In home ci sono tutte le spiegazioni. Approfittatene! 

*Clickload.it*


----------



## Simy (27 Giugno 2013)

Quibbelqurz ha detto:


> Scusate se ci faccio un po' di pubblicità, ma è nato un nuovo servizio che distribuisce realmente ricariche gratuite per cellulari senza giri strani.
> 
> In home ci sono tutte le spiegazioni. Approfittatene!
> 
> *Clickload.it*




mmmhhhh :diffi:


----------



## Fiammetta (27 Giugno 2013)

Simy ha detto:


> mmmhhhh :diffi:


Perché sta faccetta?:smile:


----------



## Simy (27 Giugno 2013)

Fiammetta ha detto:


> Perché sta faccetta?:smile:


perchè non si mai niente per niente... bò...non mi convince...poi leggo con calma


----------



## Lui (27 Giugno 2013)

mi sono appena registrato e non riesco più a vedere la mia email. spero sia un caso e non un problema di avvenuta registrazione al sito.

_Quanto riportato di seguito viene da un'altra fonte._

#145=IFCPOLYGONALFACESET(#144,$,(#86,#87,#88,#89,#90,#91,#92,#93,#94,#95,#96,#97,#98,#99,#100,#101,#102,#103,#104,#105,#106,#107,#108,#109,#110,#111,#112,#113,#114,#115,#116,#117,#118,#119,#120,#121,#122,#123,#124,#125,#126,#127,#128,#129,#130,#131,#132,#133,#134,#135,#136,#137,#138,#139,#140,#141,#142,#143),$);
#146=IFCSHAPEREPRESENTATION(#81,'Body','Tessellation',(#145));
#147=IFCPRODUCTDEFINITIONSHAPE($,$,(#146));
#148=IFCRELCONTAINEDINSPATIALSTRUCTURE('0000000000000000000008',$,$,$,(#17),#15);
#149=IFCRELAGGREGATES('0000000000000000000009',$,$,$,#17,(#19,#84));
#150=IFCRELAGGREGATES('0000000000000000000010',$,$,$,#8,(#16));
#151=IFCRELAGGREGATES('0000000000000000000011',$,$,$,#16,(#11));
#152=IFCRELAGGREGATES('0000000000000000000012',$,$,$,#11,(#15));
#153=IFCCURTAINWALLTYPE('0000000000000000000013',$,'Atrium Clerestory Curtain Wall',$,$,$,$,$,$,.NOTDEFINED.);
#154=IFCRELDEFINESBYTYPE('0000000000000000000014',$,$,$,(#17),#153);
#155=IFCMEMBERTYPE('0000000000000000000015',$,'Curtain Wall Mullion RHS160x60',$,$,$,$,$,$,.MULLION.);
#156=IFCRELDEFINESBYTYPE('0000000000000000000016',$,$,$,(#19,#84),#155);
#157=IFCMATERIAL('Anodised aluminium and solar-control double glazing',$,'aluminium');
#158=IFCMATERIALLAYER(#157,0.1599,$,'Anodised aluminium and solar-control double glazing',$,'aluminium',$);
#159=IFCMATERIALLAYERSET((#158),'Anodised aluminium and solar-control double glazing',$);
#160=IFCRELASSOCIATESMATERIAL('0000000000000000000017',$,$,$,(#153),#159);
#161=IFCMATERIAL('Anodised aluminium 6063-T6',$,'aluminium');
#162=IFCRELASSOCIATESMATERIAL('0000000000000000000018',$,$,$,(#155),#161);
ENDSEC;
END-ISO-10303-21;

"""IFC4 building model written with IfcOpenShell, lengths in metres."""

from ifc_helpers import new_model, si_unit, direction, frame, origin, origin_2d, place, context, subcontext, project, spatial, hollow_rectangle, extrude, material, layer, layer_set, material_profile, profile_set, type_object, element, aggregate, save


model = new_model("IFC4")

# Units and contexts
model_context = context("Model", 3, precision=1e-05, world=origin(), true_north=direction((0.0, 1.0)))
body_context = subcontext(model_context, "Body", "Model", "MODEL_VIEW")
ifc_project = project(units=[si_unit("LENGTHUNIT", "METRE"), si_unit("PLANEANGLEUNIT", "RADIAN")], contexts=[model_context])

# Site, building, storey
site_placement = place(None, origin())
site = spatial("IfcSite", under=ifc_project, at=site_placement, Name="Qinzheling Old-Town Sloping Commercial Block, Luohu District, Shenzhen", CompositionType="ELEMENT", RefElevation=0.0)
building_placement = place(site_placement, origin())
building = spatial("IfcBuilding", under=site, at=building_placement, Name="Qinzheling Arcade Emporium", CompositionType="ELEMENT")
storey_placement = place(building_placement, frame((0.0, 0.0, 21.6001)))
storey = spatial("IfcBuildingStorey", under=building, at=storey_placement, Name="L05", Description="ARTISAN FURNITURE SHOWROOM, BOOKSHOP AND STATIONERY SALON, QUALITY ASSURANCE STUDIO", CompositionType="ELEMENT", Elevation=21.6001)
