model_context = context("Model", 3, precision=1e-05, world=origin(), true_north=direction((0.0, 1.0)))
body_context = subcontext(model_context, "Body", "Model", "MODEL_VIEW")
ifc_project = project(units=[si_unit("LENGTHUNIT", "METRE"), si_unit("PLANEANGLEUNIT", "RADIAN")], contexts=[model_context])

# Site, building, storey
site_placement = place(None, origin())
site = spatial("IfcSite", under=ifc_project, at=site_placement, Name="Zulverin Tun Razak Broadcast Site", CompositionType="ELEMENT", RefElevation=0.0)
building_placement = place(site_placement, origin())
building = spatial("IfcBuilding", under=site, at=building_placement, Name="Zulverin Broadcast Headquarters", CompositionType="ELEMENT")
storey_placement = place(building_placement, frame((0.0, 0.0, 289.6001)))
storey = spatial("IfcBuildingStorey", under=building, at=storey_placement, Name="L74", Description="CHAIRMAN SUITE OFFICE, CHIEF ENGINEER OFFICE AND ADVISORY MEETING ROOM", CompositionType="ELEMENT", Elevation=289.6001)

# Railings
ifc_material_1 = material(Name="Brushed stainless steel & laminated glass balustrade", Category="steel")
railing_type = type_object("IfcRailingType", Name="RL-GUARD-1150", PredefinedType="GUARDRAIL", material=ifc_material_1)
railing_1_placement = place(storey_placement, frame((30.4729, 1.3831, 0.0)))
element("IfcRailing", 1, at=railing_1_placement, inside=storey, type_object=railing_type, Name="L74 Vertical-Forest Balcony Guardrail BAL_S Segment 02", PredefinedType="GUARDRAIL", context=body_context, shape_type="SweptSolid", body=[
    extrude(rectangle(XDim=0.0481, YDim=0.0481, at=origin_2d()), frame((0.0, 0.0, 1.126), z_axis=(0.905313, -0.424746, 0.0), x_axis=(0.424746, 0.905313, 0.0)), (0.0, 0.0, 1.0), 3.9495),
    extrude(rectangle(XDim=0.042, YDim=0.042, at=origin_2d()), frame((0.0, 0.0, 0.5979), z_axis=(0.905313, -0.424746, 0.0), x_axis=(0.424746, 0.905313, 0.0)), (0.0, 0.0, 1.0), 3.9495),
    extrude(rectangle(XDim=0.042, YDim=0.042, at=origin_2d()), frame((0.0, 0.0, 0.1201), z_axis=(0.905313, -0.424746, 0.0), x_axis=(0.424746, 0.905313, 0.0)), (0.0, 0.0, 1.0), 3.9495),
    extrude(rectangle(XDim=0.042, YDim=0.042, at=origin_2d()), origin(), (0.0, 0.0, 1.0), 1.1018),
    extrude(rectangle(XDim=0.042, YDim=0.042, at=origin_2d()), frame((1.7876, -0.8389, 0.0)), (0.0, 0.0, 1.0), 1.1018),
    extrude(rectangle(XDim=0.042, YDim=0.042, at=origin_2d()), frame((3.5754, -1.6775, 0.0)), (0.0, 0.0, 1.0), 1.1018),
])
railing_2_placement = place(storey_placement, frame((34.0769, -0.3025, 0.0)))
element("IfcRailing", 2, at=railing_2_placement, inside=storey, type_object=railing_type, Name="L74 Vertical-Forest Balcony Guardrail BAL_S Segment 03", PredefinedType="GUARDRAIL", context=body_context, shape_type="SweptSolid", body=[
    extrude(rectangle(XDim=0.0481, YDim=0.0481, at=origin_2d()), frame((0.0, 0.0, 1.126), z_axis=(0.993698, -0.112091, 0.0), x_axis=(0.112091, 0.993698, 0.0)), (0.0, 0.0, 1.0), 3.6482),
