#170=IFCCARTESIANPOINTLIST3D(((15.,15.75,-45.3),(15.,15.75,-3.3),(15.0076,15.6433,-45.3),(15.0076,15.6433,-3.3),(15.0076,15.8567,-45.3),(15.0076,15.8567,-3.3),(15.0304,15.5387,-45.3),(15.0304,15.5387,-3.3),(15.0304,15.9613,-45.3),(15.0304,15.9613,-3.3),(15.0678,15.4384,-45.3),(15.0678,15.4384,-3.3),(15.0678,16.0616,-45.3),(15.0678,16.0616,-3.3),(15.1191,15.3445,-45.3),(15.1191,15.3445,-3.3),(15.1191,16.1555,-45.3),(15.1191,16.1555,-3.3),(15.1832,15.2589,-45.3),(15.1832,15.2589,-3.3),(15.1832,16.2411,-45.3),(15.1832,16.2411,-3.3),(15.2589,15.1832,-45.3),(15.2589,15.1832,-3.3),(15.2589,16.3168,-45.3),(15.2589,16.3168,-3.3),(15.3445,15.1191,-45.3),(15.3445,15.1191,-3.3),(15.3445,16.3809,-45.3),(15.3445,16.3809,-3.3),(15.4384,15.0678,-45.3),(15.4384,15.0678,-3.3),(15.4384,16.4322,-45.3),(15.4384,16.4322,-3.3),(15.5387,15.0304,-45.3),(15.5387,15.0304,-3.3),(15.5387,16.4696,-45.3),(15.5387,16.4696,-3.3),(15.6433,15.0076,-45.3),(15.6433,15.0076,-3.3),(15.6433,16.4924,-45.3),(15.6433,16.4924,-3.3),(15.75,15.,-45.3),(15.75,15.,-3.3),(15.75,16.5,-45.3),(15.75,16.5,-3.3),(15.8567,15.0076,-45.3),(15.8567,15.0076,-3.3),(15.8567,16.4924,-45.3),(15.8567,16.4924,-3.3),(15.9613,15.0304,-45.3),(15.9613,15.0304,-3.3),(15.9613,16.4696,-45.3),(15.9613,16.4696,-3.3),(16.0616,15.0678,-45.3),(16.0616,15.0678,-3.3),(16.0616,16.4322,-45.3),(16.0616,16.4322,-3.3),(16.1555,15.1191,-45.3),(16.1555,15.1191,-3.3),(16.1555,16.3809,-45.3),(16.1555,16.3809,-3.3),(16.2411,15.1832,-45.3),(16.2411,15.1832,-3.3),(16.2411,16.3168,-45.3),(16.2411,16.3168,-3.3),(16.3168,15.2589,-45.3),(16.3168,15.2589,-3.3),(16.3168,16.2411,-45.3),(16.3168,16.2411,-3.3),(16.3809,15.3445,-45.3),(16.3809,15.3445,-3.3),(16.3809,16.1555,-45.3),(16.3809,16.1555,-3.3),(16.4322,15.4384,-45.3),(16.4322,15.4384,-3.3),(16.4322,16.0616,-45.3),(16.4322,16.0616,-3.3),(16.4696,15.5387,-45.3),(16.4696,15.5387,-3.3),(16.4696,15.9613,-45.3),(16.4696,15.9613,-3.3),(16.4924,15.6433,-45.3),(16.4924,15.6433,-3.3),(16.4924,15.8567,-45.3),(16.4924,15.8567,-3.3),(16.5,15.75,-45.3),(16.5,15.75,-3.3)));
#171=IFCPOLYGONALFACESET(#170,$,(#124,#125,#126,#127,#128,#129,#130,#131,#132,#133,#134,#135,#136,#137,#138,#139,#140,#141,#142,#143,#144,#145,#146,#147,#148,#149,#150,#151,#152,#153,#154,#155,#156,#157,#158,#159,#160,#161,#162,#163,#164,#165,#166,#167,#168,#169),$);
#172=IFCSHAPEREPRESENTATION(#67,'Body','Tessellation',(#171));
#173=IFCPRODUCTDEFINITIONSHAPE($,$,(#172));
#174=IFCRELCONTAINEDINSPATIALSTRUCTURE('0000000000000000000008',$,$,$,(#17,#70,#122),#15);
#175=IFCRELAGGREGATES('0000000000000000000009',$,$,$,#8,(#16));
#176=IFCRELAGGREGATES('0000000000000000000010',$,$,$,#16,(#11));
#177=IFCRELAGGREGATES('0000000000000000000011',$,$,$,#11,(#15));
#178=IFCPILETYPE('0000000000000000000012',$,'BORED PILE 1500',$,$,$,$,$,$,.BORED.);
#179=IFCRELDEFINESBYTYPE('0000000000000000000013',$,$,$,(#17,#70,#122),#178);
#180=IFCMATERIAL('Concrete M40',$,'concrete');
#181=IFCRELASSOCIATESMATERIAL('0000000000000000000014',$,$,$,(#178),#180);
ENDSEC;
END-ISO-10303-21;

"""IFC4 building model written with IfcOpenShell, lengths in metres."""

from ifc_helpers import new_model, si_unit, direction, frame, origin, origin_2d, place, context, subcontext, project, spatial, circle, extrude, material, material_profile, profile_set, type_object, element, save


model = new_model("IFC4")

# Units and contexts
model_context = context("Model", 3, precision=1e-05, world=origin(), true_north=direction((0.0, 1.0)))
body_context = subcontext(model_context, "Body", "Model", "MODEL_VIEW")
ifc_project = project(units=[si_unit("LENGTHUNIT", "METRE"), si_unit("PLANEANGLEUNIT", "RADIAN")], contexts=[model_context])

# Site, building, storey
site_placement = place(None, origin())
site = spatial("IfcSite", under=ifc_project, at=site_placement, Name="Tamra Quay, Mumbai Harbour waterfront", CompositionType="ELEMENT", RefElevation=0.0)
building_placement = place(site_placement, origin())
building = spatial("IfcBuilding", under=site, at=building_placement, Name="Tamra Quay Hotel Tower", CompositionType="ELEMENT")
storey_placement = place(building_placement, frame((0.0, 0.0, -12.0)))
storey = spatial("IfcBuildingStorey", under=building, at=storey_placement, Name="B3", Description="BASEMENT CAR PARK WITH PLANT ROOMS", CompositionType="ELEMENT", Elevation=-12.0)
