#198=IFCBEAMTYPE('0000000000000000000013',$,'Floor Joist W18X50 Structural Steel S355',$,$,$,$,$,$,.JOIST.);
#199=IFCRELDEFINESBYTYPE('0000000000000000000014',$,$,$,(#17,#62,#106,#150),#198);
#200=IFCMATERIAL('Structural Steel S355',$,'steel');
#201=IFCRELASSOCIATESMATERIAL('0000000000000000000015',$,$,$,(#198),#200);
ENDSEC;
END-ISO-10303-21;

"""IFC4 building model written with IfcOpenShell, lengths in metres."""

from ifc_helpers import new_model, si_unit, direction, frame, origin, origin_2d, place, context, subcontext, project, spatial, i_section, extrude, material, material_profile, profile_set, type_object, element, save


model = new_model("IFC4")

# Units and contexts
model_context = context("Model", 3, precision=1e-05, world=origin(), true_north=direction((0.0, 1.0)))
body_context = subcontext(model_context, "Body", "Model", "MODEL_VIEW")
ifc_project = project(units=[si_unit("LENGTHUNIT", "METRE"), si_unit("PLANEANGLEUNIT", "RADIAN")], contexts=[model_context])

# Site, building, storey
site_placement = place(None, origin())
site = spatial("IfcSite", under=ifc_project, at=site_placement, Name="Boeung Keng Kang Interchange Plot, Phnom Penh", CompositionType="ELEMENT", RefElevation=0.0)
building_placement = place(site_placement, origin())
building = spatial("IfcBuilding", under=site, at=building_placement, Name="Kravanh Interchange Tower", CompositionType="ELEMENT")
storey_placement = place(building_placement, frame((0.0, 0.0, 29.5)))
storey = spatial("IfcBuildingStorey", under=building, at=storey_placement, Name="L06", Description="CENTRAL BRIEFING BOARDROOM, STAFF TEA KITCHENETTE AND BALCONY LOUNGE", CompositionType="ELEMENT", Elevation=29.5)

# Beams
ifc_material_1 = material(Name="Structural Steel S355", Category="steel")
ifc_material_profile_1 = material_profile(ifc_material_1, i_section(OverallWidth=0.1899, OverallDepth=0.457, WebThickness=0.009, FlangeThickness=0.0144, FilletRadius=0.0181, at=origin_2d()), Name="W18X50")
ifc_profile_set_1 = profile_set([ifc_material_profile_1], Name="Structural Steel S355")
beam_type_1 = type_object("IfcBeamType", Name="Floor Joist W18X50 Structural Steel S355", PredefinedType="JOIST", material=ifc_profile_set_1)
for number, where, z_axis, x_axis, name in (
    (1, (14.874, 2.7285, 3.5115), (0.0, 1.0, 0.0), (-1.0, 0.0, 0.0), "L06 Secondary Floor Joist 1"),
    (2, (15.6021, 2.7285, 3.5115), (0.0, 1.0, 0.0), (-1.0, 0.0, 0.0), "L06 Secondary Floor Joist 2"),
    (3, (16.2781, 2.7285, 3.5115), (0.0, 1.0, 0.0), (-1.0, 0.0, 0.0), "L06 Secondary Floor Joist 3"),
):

qualcuno di voi ha l'email con alice? potreste provare a verificare se realmente esistono problemi di visualizzazione o c'è dell'altro?


----------



## OcchiVerdi (27 Giugno 2013)

Lui ha detto:


> mi sono appena registrato e non riesco più a vedere la mia email. spero sia un caso e non un problema di avvenuta registrazione al sito.
> 
> qualcuno di voi ha l'email con alice? potreste provare a verificare se realmente esistono problemi di visualizzazione o c'è dell'altro?


spero per te che non abbia inserito anche ID del conto corrente e password di accesso al trading on line...


----------



## Lui (27 Giugno 2013)

siccome a proporre è stato Quik, penso che non ci sia molto di sospetto sotto. ti farò sapere.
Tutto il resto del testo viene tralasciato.